Graeme Elliot was heavily involved in the expansion strategy pursued by the group through most of the 1980s. When he was made redundant last March, Sir Nigel Mobbs, Slough's chairman, said that role no longer existed.
The pounds 429,000 compensation includes additional pension contributions and compares with Mr Elliot's annual salary of about pounds 180,000.
Slough's accounts, published yesterday, also revealed that Sir Nigel took a pounds 2,000 cut in salary to pounds 262,000. Profits for the year, before exceptional items, rose slightly from pounds 68.3m to pounds 69.1m.
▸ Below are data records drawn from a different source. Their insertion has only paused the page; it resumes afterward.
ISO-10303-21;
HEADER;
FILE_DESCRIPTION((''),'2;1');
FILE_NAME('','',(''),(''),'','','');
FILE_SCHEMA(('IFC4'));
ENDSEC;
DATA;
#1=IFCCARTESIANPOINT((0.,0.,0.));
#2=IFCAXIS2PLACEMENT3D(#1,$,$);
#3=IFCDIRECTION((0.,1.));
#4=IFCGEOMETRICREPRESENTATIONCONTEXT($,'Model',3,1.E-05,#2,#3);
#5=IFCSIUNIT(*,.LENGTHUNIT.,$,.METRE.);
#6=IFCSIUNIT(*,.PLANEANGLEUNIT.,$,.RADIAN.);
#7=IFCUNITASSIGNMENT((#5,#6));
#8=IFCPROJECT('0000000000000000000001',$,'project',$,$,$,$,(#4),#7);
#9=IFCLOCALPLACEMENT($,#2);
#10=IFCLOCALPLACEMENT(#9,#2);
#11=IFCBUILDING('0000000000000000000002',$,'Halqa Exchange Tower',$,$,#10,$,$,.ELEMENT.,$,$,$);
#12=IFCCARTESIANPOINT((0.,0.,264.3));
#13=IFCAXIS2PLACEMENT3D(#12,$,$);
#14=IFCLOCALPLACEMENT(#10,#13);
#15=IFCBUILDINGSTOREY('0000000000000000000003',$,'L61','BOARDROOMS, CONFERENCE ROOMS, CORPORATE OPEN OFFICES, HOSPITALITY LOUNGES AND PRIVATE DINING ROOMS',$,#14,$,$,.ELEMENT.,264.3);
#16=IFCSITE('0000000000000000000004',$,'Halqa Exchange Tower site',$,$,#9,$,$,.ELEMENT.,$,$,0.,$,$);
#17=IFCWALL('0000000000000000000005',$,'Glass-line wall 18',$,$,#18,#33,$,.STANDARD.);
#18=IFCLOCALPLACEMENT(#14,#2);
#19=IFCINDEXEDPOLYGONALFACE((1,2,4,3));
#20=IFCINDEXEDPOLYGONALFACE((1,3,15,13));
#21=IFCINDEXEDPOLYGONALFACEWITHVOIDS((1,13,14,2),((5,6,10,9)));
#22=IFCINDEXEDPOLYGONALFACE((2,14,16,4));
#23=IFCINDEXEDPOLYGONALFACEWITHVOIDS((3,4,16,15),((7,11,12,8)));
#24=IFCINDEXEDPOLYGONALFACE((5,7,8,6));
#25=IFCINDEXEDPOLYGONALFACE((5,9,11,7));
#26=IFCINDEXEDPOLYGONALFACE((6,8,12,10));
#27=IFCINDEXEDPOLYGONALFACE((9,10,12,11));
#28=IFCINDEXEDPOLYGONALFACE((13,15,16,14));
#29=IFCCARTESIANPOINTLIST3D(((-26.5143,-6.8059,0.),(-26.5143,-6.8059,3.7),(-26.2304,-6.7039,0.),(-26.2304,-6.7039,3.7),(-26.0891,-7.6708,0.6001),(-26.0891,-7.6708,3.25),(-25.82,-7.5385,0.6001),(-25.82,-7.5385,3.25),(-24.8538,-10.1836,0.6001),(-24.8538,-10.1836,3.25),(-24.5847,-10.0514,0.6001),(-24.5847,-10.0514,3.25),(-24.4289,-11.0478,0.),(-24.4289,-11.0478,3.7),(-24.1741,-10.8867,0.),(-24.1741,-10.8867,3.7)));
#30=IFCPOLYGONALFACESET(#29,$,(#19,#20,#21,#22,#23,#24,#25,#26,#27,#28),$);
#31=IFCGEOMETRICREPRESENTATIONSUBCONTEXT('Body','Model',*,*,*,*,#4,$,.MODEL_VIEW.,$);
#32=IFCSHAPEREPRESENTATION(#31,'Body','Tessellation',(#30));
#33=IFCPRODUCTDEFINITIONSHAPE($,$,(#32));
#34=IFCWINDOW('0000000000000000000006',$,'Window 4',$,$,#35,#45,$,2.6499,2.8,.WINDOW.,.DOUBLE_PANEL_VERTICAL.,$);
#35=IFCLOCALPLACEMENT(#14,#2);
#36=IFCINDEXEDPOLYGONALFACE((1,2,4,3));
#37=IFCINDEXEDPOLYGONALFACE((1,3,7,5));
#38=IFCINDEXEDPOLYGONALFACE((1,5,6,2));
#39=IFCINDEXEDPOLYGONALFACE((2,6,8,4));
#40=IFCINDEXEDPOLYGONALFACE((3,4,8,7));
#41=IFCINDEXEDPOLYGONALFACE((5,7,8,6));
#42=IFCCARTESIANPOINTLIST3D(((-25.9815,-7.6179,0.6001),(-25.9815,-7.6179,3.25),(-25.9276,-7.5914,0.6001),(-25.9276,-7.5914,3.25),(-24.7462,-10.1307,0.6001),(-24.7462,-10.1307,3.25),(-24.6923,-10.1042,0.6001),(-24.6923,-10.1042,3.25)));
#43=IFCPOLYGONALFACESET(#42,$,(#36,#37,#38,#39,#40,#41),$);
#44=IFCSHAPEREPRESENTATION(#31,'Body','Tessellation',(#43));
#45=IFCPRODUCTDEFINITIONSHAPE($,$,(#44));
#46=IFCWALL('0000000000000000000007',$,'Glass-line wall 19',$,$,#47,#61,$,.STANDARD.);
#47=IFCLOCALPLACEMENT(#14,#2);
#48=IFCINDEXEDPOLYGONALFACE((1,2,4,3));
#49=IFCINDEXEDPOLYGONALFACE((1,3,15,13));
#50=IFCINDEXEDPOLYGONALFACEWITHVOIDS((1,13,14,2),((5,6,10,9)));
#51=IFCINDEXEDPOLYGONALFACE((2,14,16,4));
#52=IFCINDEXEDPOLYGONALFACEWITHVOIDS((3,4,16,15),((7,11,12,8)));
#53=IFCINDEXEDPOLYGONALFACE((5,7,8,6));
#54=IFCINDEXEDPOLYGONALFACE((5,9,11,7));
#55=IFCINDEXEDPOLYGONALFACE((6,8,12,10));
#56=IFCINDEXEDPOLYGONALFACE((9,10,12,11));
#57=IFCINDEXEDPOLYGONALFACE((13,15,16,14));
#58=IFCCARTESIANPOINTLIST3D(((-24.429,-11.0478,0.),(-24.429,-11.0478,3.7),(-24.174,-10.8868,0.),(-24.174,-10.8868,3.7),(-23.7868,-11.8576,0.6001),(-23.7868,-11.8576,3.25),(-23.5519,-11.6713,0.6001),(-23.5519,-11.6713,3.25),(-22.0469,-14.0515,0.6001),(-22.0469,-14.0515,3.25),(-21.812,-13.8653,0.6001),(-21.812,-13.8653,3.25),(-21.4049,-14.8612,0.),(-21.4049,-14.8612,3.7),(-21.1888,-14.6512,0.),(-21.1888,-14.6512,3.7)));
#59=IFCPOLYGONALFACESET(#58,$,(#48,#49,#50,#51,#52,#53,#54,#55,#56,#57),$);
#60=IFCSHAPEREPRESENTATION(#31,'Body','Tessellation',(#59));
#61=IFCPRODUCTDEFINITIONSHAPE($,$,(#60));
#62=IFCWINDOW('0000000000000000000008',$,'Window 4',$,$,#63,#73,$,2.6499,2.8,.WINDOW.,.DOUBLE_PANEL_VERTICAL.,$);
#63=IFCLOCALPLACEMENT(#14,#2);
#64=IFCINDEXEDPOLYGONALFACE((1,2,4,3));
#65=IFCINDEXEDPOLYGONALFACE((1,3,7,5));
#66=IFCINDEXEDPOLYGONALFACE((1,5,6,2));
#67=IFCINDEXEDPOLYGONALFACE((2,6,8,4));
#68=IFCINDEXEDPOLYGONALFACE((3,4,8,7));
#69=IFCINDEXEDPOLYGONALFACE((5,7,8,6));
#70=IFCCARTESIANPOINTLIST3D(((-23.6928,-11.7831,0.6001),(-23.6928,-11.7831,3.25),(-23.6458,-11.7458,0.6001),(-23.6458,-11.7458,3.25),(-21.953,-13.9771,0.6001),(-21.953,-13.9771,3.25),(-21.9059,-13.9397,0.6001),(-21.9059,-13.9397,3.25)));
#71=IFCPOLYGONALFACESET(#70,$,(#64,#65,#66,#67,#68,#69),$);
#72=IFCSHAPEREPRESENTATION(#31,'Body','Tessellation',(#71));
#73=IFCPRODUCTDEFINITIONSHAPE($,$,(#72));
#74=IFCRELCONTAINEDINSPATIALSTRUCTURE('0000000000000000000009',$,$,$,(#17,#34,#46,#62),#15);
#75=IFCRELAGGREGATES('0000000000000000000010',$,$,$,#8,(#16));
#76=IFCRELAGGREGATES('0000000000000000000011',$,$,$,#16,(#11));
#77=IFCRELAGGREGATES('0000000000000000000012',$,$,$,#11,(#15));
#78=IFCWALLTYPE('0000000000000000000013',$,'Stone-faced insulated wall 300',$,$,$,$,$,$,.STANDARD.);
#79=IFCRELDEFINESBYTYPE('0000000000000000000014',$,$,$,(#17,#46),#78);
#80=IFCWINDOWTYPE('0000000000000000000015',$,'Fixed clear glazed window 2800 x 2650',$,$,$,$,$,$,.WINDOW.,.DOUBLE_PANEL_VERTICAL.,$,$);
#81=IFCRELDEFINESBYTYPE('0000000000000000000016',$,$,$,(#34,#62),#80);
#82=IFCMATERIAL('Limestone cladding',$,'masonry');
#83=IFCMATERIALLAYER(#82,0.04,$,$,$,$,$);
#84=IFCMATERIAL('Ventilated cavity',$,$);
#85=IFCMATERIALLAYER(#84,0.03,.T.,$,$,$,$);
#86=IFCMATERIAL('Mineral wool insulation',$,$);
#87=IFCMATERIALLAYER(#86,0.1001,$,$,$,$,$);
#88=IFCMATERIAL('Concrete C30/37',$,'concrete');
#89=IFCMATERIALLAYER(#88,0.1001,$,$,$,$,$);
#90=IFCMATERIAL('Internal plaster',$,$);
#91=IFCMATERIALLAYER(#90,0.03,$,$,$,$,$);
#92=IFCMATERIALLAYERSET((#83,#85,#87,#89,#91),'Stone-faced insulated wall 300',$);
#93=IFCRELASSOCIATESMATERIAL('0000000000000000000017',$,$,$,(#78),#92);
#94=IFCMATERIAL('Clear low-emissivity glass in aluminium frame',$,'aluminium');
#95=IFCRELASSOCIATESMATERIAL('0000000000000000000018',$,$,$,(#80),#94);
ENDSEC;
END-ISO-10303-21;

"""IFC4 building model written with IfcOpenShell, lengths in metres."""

from ifc_helpers import new_model, si_unit, direction, frame, frame_2d, origin, place, context, subcontext, project, spatial, polyline, rectangle, outline, extrude, material, layer, layer_set, type_object, element, fill, save


model = new_model("IFC4")

# Units and contexts
model_context = context("Model", 3, precision=1e-05, world=origin(), true_north=direction((0.0, 1.0)))
body_context = subcontext(model_context, "Body", "Model", "MODEL_VIEW")
ifc_project = project(units=[si_unit("LENGTHUNIT", "METRE"), si_unit("PLANEANGLEUNIT", "RADIAN")], contexts=[model_context])

# Site, building, storey
site_placement = place(None, origin())
site = spatial("IfcSite", under=ifc_project, at=site_placement, Name="Halqa Exchange Tower site", CompositionType="ELEMENT", RefElevation=0.0)
building_placement = place(site_placement, origin())
building = spatial("IfcBuilding", under=site, at=building_placement, Name="Halqa Exchange Tower", CompositionType="ELEMENT")
storey_placement = place(building_placement, frame((0.0, 0.0, 264.3)))
storey = spatial("IfcBuildingStorey", under=building, at=storey_placement, Name="L61", Description="BOARDROOMS, CONFERENCE ROOMS, CORPORATE OPEN OFFICES, HOSPITALITY LOUNGES AND PRIVATE DINING ROOMS", CompositionType="ELEMENT", Elevation=264.3)

# Walls, openings, windows
ifc_material_1 = material(Name="Limestone cladding", Category="masonry")
ifc_layer_1 = layer(ifc_material_1, 0.04)
ifc_material_2 = material(Name="Ventilated cavity")
ifc_layer_2 = layer(ifc_material_2, 0.03, ventilated=True)
ifc_material_3 = material(Name="Mineral wool insulation")
ifc_layer_3 = layer(ifc_material_3, 0.1001)
ifc_material_4 = material(Name="Concrete C30/37", Category="concrete")
ifc_layer_4 = layer(ifc_material_4, 0.1001)
ifc_material_5 = material(Name="Internal plaster")
ifc_layer_5 = layer(ifc_material_5, 0.03)
ifc_layer_set_1 = layer_set([ifc_layer_1, ifc_layer_2, ifc_layer_3, ifc_layer_4, ifc_layer_5], Name="Stone-faced insulated wall 300")
wall_type_1 = type_object("IfcWallType", Name="Stone-faced insulated wall 300", PredefinedType="STANDARD", material=ifc_layer_set_1)
ifc_material_6 = material(Name="Clear low-emissivity glass in aluminium frame", Category="aluminium")
window_type = type_object("IfcWindowType", Name="Fixed clear glazed window 2800 x 2650", PartitioningType="DOUBLE_PANEL_VERTICAL", PredefinedType="WINDOW", material=ifc_material_6)
wall_1_placement = place(storey_placement, frame((-26.3723, -6.7549, 0.0), z_axis=(0.0, 0.0, 1.0), x_axis=(0.44117, -0.897424, 0.0)))
wall_1 = element("IfcWall", 1, at=wall_1_placement, inside=storey, type_object=wall_type_1, Name="Glass-line wall 18", PredefinedType="STANDARD", context=body_context, shape_type="SweptSolid", body=[
    extrude(outline(polyline([(-0.0168, -0.1499), (4.71, -0.1499), (4.6777, 0.1499), (0.0168, 0.1499), (-0.0168, -0.1499)])), origin(), (0.0, 0.0, 1.0), 3.7),
])
opening_1_placement = place(wall_1_placement, frame((0.947, 0.0, 0.6001)))
opening_1 = element("IfcOpeningElement", 2, at=opening_1_placement, cuts=wall_1, PredefinedType="OPENING", context=body_context, shape_type="SweptSolid", body=[
    extrude(rectangle(XDim=2.8, YDim=2.6499, at=frame_2d((1.3999, 1.325))), frame((0.0, 0.1621, 0.0), z_axis=(0.0, -1.0, 0.0), x_axis=(1.0, 0.0, 0.0)), (0.0, 0.0, 1.0), 0.324),
])
window_1_placement = place(opening_1_placement, origin())
window_1 = element("IfcWindow", 3, at=window_1_placement, inside=storey, type_object=window_type, Name="Window 4", OverallHeight=2.6499, OverallWidth=2.8, PartitioningType="DOUBLE_PANEL_VERTICAL", PredefinedType="WINDOW", context=body_context, shape_type="SweptSolid", body=[
    extrude(rectangle(XDim=2.8, YDim=2.6499, at=frame_2d((1.3999, 1.325))), frame((0.0, 0.03, 0.0), z_axis=(0.0, -1.0, 0.0), x_axis=(1.0, 0.0, 0.0)), (0.0, 0.0, 1.0), 0.0601),
])
fill(opening_1, window_1)
wall_2_placement = place(storey_placement, frame((-24.3015, -10.9673, 0.0), z_axis=(0.0, 0.0, 1.0), x_axis=(0.621358, -0.783526, 0.0)))
wall_2 = element("IfcWall", 4, at=wall_2_placement, inside=storey, type_object=wall_type_1, Name="Glass-line wall 19", PredefinedType="STANDARD", context=body_context, shape_type="SweptSolid", body=[
    extrude(outline(polyline([(-0.0161, -0.1499), (4.8508, -0.1499), (4.8206, 0.1499), (0.0161, 0.1499), (-0.0161, -0.1499)])), origin(), (0.0, 0.0, 1.0), 3.7),
])
opening_2_placement = place(wall_2_placement, frame((1.0176, 0.0, 0.6001)))
opening_2 = element("IfcOpeningElement", 5, at=opening_2_placement, cuts=wall_2, PredefinedType="OPENING", context=body_context, shape_type="SweptSolid", body=[
    extrude(rectangle(XDim=2.8, YDim=2.6499, at=frame_2d((1.3999, 1.325))), frame((0.0, 0.1621, 0.0), z_axis=(0.0, -1.0, 0.0), x_axis=(1.0, 0.0, 0.0)), (0.0, 0.0, 1.0), 0.324),
])
window_2_placement = place(opening_2_placement, origin())
window_2 = element("IfcWindow", 6, at=window_2_placement, inside=storey, type_object=window_type, Name="Window 4", OverallHeight=2.6499, OverallWidth=2.8, PartitioningType="DOUBLE_PANEL_VERTICAL", PredefinedType="WINDOW", context=body_context, shape_type="SweptSolid", body=[
    extrude(rectangle(XDim=2.8, YDim=2.6499, at=frame_2d((1.3999, 1.325))), frame((0.0, 0.03, 0.0), z_axis=(0.0, -1.0, 0.0), x_axis=(1.0, 0.0, 0.0)), (0.0, 0.0, 1.0), 0.0601),
])
fill(opening_2, window_2)

save(model, "model.ifc")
Sir Nigel attracted criticism in 1991 when his salary rose pounds 11,000 to pounds 264,000 despite a drop in pre-exceptional profits from pounds 86.4m to pounds 68.3m.
The highest-paid director of Redland, the brick manufacturer - believed to be Robert Napier, chief executive - enjoyed a 16 per cent pay rise to pounds 299,354. The chairman, Colin Corness, suffered a drop in salary from pounds 179,016 to pounds 107,751 as his role became non-executive.
Redlands' pre-tax profits rose from pounds 186m to pounds 221.5m, largely because of the acquisition of Steetley, the rival brick maker.
Cecil Buckett, who resigned last April as finance director of Newman Tonks, the architectural fittings group, was paid pounds 200,000 compensation.